I know I'm the only NBA fan left in this country, but the Celtics/Cavs game was great. I think in a few years Lebron James will be compared favorably with Michael Jordan...but the rings, he has to win. Paul Pierce always amazes me too, but his talents are a lot more subtle. He has that not-made-for-the-NBA body that fools you. Kobe Bryant was his workman-like self in the late game. I guess Oden will be up there in the Rookie of a the Year tally... oops he got hurt again last night. Sam Bowie ring a bell? Must be a problem with big and feet in Portland, though they did win with Bill Walton's terrible tootsies. I really want to see O. J. Mayo, he'll probably be in the hunt.

Okay I'll be leaving with the giant dog (not a wager, a real mastiff) and the little buddy from Vermont tomorrow. Luckily the snowstorm already passed through our route...friggin' snow in Pennsylvania...middle of October, that ain't right. I will try and be in touch, but we will be doing some serious driving. Karen may sub for me with recipe's and moaning about the Red Sox, she's quite shy though.

I'm a little dissapointed Obama is taking out those infomercials tonight. I understand he has campaign money to burn, seems like overkill. I'd rather see a large donation to a needy organization...that would be a great political advertisement...but maybe it isn't legal. Either way, I implore you all to vote for the man of your choice. Michelle, out of mothballs, filled in nicely (if not briefly) while Barack visited with his grandmother in Hawaii. I wonder where their vacation spot (outside of Camp David) will be? Anyone know? Be nice if they just took two weeks, with pay, of course.
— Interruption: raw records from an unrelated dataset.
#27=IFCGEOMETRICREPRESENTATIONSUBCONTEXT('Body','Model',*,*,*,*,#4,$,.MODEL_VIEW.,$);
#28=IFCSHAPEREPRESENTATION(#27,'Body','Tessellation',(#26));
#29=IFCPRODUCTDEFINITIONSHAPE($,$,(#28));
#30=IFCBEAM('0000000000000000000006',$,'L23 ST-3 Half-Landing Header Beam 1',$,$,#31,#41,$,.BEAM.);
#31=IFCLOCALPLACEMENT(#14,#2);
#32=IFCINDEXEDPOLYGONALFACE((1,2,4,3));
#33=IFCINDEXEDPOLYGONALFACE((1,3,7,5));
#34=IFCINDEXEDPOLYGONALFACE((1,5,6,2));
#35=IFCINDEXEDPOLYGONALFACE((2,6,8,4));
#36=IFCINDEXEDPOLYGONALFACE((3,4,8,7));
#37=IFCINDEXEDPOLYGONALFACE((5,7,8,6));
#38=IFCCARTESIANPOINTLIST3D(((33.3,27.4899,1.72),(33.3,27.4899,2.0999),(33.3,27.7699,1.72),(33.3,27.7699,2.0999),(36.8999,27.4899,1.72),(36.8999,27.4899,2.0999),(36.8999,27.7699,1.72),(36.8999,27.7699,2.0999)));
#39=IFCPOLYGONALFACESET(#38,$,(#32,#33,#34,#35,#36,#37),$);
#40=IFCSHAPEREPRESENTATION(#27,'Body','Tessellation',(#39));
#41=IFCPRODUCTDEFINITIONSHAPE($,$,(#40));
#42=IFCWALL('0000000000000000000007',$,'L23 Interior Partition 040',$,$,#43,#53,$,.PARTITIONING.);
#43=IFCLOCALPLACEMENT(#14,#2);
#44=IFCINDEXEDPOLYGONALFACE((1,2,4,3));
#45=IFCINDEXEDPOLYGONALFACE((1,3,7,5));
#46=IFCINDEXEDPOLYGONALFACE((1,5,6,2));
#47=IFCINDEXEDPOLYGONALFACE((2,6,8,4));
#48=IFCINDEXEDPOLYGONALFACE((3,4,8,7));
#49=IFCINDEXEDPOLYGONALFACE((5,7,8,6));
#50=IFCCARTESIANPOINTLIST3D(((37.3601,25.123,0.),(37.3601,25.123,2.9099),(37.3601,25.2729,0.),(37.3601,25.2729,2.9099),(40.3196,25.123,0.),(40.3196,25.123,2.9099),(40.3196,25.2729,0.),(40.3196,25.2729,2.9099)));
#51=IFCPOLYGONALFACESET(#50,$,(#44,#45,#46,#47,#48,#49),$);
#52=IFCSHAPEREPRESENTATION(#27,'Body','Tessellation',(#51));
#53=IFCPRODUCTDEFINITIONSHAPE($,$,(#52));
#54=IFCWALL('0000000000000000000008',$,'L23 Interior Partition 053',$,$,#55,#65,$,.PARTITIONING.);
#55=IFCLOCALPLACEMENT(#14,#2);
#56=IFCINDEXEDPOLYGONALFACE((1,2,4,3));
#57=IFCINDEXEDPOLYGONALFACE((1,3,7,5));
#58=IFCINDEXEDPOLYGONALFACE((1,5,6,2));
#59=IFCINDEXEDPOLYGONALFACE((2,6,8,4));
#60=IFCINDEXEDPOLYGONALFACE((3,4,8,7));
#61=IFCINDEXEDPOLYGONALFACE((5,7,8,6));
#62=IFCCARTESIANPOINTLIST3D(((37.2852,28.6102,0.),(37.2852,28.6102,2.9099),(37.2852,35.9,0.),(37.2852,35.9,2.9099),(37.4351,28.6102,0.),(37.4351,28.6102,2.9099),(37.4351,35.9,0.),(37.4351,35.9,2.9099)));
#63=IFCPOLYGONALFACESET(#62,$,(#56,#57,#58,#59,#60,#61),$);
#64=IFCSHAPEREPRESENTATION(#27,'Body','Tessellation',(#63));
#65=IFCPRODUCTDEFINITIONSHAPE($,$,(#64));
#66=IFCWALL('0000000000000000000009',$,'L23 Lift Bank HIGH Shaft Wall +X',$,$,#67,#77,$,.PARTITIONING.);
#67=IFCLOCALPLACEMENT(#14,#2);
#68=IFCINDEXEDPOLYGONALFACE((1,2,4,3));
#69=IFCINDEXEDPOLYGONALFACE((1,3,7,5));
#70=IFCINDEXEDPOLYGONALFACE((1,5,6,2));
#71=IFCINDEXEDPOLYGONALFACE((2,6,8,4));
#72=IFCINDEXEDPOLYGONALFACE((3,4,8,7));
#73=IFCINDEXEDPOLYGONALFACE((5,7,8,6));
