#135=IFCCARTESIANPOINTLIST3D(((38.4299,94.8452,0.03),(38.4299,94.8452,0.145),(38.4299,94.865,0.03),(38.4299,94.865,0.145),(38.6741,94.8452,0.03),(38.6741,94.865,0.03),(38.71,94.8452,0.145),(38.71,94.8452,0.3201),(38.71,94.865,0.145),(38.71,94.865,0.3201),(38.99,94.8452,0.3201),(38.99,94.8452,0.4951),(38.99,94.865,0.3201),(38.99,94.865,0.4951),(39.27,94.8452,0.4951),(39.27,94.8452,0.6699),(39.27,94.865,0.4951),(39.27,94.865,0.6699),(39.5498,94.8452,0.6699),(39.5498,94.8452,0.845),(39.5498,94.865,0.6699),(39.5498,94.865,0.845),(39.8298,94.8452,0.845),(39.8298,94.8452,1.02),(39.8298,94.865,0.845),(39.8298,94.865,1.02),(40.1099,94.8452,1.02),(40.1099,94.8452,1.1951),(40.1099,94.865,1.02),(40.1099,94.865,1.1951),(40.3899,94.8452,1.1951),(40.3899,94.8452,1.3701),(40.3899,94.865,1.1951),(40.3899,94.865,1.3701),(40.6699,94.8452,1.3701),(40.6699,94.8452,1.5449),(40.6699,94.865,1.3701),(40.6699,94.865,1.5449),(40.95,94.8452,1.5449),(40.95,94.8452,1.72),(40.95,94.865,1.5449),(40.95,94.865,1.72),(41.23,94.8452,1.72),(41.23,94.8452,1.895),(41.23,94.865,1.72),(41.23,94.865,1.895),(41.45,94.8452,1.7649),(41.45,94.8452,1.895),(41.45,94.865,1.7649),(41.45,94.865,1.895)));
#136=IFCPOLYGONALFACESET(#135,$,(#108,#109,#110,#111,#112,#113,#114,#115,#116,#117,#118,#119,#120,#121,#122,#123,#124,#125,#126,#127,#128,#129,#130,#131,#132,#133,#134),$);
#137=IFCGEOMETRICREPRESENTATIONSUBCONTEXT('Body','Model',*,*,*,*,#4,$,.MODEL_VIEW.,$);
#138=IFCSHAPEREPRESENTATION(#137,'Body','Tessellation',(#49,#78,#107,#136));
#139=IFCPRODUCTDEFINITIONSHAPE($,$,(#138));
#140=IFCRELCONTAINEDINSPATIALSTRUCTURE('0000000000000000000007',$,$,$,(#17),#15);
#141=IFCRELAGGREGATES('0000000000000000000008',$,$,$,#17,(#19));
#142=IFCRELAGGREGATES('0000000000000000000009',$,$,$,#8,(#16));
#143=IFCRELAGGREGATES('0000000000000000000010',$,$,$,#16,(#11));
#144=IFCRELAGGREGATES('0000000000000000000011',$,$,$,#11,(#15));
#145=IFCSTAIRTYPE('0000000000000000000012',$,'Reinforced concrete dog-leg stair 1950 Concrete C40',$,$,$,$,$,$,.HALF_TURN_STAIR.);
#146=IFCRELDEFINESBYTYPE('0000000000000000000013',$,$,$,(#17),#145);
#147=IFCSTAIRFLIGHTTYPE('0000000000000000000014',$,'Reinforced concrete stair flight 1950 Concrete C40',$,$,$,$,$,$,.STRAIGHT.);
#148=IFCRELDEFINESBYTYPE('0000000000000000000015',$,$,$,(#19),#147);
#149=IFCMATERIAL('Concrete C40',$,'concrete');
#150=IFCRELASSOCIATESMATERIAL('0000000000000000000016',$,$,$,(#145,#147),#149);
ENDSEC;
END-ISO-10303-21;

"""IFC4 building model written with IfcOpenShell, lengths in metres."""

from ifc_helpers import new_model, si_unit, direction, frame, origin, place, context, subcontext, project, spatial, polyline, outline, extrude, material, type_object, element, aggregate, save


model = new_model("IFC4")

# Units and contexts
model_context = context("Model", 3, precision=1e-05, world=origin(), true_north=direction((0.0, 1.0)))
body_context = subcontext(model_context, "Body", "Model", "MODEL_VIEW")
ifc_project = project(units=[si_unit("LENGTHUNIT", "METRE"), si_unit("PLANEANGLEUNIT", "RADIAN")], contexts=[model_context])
May all your Halloween treats be gooey, later, biff

Tuesday, October 28, 2008

Peace, the Price is Right...

Okay, a lot of cogent commentary has come out of the horse racing issue from; you can't just do things about "the worst things" to "what happens to the horses if there is no racing." I just wish I could come up with a subject that would bring this kind of discussion to the table more frequently. I truly respect all opinions, and I know I've been wrong on many issues (three marriages for a five star example), so we will continue fresh now. Unless anyone else...nah. Read the comments from that post, they're all well thought out.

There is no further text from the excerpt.